Overview and metadata sections
The Frankford Yellow Jackets were an early twentieth-century football club located in the Frankford section of Northeast Philadelphia, Pennsylvania. The team was the first professional football team to play in Philadelphia, joining the National Football League (NFL) in 1924. The Yellow Jackets ceased operations in late 1931, and its franchise was returned to the NFL. In 1933, the NFL granted an expansion franchise to Bert Bell and Lud Wray, who formed a new team named the Philadelphia Eagles.
The Frankford Yellow Jackets were initially a sandlot football club organized in 1899 by the Frankford Athletic Association. In the early 1920s, the team began to garner attention as one of the best independent football teams in the country.
Although still an independent team, the Frankford Yellow Jackets faced their first National Football League opponent, the Rochester Jefferson, in a scrimmage in 1922. The Yellow Jackets won, 20-0, and went on to play several other NFL teams in scrimmages in 1922 and 1923. In 1924, the Frankford Athletic Association was granted an NFL franchise for the Frankford Yellow Jackets and the team officially joined the National Football League.
The Frankford Yellow Jackets were one of the most successful NFL teams in the 1920s, completing their first season in 1924 with an 11-2-1 NFL record.

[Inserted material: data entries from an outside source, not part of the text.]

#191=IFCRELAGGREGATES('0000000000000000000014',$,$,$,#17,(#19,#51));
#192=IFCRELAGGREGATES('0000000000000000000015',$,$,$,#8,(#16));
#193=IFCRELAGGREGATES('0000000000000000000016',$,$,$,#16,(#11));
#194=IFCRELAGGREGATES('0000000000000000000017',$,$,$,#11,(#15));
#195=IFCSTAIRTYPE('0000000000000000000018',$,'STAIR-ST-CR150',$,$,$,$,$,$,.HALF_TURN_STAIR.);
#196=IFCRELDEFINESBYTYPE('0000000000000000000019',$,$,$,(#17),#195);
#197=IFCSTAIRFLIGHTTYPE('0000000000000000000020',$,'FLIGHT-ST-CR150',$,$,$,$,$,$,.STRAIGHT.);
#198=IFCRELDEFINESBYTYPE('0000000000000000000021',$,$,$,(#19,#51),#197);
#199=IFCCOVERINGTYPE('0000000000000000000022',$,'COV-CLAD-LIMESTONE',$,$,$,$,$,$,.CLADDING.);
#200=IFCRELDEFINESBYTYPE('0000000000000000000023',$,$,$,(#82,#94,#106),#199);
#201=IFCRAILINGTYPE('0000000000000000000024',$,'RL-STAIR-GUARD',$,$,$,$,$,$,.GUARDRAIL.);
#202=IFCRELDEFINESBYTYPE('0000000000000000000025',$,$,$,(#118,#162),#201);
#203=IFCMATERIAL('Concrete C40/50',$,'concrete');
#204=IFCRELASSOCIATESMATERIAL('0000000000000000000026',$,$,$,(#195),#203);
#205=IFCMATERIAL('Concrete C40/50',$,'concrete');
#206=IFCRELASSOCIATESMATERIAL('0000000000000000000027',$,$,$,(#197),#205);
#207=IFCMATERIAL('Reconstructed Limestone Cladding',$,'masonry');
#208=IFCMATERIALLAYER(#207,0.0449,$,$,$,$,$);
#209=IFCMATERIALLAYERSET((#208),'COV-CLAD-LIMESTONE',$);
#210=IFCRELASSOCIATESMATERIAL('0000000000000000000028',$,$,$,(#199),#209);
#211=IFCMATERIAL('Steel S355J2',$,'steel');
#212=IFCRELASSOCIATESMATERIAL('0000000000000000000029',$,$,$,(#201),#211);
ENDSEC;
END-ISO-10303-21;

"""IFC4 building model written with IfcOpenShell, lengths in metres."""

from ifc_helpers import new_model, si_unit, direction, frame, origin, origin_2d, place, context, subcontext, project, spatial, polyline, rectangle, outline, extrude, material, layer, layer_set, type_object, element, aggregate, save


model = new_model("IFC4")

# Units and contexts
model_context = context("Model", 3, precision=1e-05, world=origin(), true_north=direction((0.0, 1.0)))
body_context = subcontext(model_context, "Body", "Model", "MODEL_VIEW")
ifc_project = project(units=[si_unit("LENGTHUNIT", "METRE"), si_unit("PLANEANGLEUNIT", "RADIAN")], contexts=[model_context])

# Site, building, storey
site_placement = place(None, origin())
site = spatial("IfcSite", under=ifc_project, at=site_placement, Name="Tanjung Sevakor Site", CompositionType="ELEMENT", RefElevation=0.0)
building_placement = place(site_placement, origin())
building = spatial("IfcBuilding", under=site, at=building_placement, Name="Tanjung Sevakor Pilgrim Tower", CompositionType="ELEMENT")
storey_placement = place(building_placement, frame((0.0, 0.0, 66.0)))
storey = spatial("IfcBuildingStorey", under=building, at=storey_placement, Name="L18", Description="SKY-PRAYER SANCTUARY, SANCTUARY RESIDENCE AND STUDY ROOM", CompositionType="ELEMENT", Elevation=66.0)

Between 1924 and 1931, the Yellow Jackets scheduled more games than any other team in the NFL. A majority of the team's games were played back-to-back, with home games in Philadelphia on Saturdays and road games on Sundays. The team played home games at Frankford Stadium, built on a converted horse track in 1923 at Frankford Avenue and Devereaux streets. In 1926, the Frankford Yellow Jackets were the NFL champions, the first time a Philadelphia team had won a national football championship. That same season, the team set an NFL record with fourteen wins in a season, a record which would not be broken until sixty years later.
The team was supported by a band, cheerleaders, and a mascot, along with its own fight song. The Frankford Yellow Jackets were also a part of the Frankford community. The players lived in boarding houses in Frankford, often passing time playing football with the kids in the neighborhood streets. The team also donated any income generated beyond the player's salaries and team expenses to local charities such as Frankford Hospital.

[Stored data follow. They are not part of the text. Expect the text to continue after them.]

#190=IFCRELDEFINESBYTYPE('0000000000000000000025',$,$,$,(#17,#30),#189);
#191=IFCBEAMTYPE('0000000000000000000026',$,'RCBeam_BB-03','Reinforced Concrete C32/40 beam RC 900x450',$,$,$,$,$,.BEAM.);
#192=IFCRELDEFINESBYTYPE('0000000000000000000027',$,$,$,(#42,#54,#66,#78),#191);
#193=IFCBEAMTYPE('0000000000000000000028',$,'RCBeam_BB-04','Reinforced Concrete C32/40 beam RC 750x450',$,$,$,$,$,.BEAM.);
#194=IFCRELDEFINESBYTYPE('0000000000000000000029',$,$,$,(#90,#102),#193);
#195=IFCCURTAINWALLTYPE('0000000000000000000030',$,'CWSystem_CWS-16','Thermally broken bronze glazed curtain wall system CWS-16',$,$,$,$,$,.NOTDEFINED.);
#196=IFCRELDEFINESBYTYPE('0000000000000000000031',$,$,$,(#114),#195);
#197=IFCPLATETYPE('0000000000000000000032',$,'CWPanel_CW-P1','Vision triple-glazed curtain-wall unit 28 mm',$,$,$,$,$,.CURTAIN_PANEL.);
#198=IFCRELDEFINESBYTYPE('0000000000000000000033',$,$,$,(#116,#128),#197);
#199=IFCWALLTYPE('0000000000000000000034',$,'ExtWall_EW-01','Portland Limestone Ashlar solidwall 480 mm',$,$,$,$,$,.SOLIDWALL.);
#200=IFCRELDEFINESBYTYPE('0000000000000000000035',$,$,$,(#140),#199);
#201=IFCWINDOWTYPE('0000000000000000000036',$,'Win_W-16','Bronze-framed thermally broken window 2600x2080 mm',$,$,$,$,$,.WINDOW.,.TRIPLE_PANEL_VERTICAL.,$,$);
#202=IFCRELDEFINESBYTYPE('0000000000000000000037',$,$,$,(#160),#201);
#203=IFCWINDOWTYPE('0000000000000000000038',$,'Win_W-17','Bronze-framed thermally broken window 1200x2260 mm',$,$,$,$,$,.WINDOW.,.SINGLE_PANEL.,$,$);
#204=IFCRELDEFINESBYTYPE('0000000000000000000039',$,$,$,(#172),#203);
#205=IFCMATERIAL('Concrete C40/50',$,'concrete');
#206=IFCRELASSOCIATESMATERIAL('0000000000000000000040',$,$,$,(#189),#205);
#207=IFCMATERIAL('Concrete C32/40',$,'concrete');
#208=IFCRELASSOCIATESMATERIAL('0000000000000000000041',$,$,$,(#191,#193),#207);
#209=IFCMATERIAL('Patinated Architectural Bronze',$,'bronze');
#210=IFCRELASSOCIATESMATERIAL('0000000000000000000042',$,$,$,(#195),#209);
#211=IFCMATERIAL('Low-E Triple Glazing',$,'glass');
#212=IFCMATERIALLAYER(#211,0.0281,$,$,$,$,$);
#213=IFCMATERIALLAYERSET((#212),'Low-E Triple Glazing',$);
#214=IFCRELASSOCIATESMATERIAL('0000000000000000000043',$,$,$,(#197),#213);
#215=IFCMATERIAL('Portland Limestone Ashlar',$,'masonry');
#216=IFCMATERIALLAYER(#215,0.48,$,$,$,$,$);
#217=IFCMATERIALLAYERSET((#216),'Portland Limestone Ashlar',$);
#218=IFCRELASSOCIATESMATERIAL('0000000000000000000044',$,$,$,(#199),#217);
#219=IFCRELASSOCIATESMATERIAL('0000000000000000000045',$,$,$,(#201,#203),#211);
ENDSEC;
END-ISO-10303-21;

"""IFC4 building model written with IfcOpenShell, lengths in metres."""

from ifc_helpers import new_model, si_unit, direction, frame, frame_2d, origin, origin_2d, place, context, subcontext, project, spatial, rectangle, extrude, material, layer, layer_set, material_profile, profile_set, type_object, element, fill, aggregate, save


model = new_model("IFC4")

In 1930s, the Great Depression impacted the Yellow Jacket's ability to fund the team, including attracting strong players. In 1929 and again in 1931, the stadium caught fire. Due to the financial strain, the team was unable to fund repairs and began its 1931 season as a traveling team with no home stadium. The team was unable to finish the season, suspending operations in November of 1931.
After the Yellow Jackets ceased operations, the Frankford Athletic Association was unable to find a buyer for the team and returned the franchise to the NFL. The NFL spent over a year searching for a new ownership group to operate a team in Philadelphia. In July of 1933, the NFL granted an expansion franchise and awarded the assets of the Yellow Jackets to Lud Wray, a former Yellow Jackets player, and Bert Bell, head football coach at Temple University. Bell and Wray took on the debt of the Yellow Jackets, but formed a new team, naming it the Philadelphia Eagles. After the debt was paid off, the team was no longer tied to the Frankford Yellow Jackets, but retained its powder blue and yellow colors for its uniforms for several seasons.
Bibliography:
Tim Selway. "Frankford Yellow Jackets: 1926 NFL Champions." In Literary and Cultural Heritage Map of Pennsylvania, Pennsylvania Center for the Book. 2008. Accessed December 15, 2015. http://pabook2.libraries.psu.edu/palitmap/FrankfordYellowJackets.html.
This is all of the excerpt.